Mr Chisholm, 78, of Bargo, was among the first group of Australian soldiers who were sent to Vietnam in 1965.

Tomorrow, Friday, August 18, he will be the keynote speaker at the Picton-Thirlmere-Bargo RSL Sub Branch 2017 Vietnam Veterans Day commemoration service.

When he sat down with the South West Voice for an interview, Mr Chisholm said he wasn’t sure what he would be saying at the commemoration service.

But talking to him it was evident that despite the passage of time the scars of that war have not fully healed.

Twenty years earlier soldiers returning from World War II duty had received a hero’s welcome from a grateful nation.

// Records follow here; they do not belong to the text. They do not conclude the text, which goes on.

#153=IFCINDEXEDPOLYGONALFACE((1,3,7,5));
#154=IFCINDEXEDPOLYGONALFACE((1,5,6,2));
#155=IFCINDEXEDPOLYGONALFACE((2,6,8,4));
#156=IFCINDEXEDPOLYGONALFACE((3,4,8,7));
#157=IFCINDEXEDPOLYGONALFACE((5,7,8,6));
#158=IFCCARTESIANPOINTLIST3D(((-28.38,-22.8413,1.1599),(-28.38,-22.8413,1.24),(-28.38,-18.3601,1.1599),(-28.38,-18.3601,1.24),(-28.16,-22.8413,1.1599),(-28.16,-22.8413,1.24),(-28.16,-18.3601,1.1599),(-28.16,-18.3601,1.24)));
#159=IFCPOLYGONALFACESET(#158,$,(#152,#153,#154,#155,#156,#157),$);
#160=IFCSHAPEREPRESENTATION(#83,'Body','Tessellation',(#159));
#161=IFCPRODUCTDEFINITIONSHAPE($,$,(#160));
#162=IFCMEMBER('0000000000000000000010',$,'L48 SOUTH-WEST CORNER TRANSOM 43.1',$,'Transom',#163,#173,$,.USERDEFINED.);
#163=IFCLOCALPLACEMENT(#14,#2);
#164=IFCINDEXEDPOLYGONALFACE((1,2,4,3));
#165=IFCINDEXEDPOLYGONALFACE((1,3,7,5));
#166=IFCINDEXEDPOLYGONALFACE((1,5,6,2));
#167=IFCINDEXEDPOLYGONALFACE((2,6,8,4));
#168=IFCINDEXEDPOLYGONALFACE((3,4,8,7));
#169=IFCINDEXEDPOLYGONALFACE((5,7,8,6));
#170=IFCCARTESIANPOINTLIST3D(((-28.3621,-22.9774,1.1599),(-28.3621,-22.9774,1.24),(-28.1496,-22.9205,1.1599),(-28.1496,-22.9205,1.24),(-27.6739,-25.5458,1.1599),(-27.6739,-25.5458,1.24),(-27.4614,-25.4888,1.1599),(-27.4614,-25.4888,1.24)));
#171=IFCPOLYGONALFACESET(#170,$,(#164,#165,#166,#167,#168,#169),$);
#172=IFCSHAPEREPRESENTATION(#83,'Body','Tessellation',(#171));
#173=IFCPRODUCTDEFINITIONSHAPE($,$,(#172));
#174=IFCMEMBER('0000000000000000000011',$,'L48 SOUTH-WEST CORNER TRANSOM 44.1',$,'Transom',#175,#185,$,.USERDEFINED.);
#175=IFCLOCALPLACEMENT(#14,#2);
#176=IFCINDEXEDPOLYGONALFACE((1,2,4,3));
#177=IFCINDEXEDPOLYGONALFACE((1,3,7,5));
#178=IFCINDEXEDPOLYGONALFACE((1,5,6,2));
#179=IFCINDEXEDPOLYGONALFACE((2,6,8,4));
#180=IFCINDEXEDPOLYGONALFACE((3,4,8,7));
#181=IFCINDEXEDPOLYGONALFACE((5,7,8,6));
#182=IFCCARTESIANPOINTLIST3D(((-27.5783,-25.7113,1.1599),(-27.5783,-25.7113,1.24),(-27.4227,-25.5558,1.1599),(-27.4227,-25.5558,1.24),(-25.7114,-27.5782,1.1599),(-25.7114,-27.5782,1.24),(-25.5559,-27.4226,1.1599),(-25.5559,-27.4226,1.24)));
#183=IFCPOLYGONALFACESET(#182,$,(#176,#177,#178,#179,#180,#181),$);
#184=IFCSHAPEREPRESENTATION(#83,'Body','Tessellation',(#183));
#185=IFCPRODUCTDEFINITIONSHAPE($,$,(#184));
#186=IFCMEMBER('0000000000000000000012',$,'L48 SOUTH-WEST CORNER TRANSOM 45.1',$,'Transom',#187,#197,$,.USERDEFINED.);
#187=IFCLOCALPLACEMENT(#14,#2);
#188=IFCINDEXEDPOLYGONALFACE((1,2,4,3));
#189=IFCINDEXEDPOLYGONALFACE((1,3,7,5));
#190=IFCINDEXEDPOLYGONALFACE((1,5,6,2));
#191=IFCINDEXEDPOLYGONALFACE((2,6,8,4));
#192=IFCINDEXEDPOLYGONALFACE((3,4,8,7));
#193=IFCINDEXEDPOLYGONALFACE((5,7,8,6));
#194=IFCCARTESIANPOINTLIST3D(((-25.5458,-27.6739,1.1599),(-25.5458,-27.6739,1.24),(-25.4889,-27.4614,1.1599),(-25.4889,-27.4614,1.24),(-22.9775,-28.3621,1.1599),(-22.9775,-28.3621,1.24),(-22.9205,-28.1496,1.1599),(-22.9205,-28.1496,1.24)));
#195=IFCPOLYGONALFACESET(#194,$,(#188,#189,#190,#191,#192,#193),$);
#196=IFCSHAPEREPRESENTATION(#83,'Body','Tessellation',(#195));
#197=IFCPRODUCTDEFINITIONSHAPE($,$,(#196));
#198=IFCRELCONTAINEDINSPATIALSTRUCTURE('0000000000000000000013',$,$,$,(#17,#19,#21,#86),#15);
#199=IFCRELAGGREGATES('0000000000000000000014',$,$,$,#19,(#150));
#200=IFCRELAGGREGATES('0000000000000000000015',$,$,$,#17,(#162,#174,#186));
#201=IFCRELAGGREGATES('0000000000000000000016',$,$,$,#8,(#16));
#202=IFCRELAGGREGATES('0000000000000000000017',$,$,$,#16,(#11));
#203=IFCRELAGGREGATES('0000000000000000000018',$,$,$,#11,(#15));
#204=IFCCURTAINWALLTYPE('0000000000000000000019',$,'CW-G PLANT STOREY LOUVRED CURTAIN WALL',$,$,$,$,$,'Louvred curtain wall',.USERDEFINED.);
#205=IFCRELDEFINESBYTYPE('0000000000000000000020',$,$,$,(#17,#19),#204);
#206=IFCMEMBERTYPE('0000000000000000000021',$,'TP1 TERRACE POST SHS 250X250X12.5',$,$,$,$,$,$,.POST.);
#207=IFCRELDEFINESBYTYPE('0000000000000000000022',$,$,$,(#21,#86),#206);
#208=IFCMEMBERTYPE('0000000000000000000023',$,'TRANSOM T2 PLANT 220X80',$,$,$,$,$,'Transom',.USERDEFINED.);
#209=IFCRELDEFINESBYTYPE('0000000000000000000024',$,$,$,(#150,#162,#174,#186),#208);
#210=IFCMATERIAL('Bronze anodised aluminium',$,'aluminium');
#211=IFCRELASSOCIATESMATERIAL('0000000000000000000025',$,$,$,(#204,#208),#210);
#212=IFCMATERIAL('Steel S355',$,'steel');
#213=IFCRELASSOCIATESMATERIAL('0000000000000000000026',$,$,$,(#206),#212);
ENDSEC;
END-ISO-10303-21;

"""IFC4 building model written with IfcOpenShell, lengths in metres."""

But when Kerry Chisholm and his mates came home in 1966 it was to find a nation divided over its involvement in Vietnam.

“When we got home after the first tour it was almost as though we didn’t exist,’’ he says.

“I don’t think any of us had any expectations as we headed home after the first tour.

“What we didn’t expect was what we bloody got.

[social_quote duplicate=”no” align=”default”]“No one wanted to know when we came back.[/social_quote]

“And that included half our politicians.

“They just didn’t want to know,’’ he says.

Kerry Chisholm was born and bred in the Hunter region.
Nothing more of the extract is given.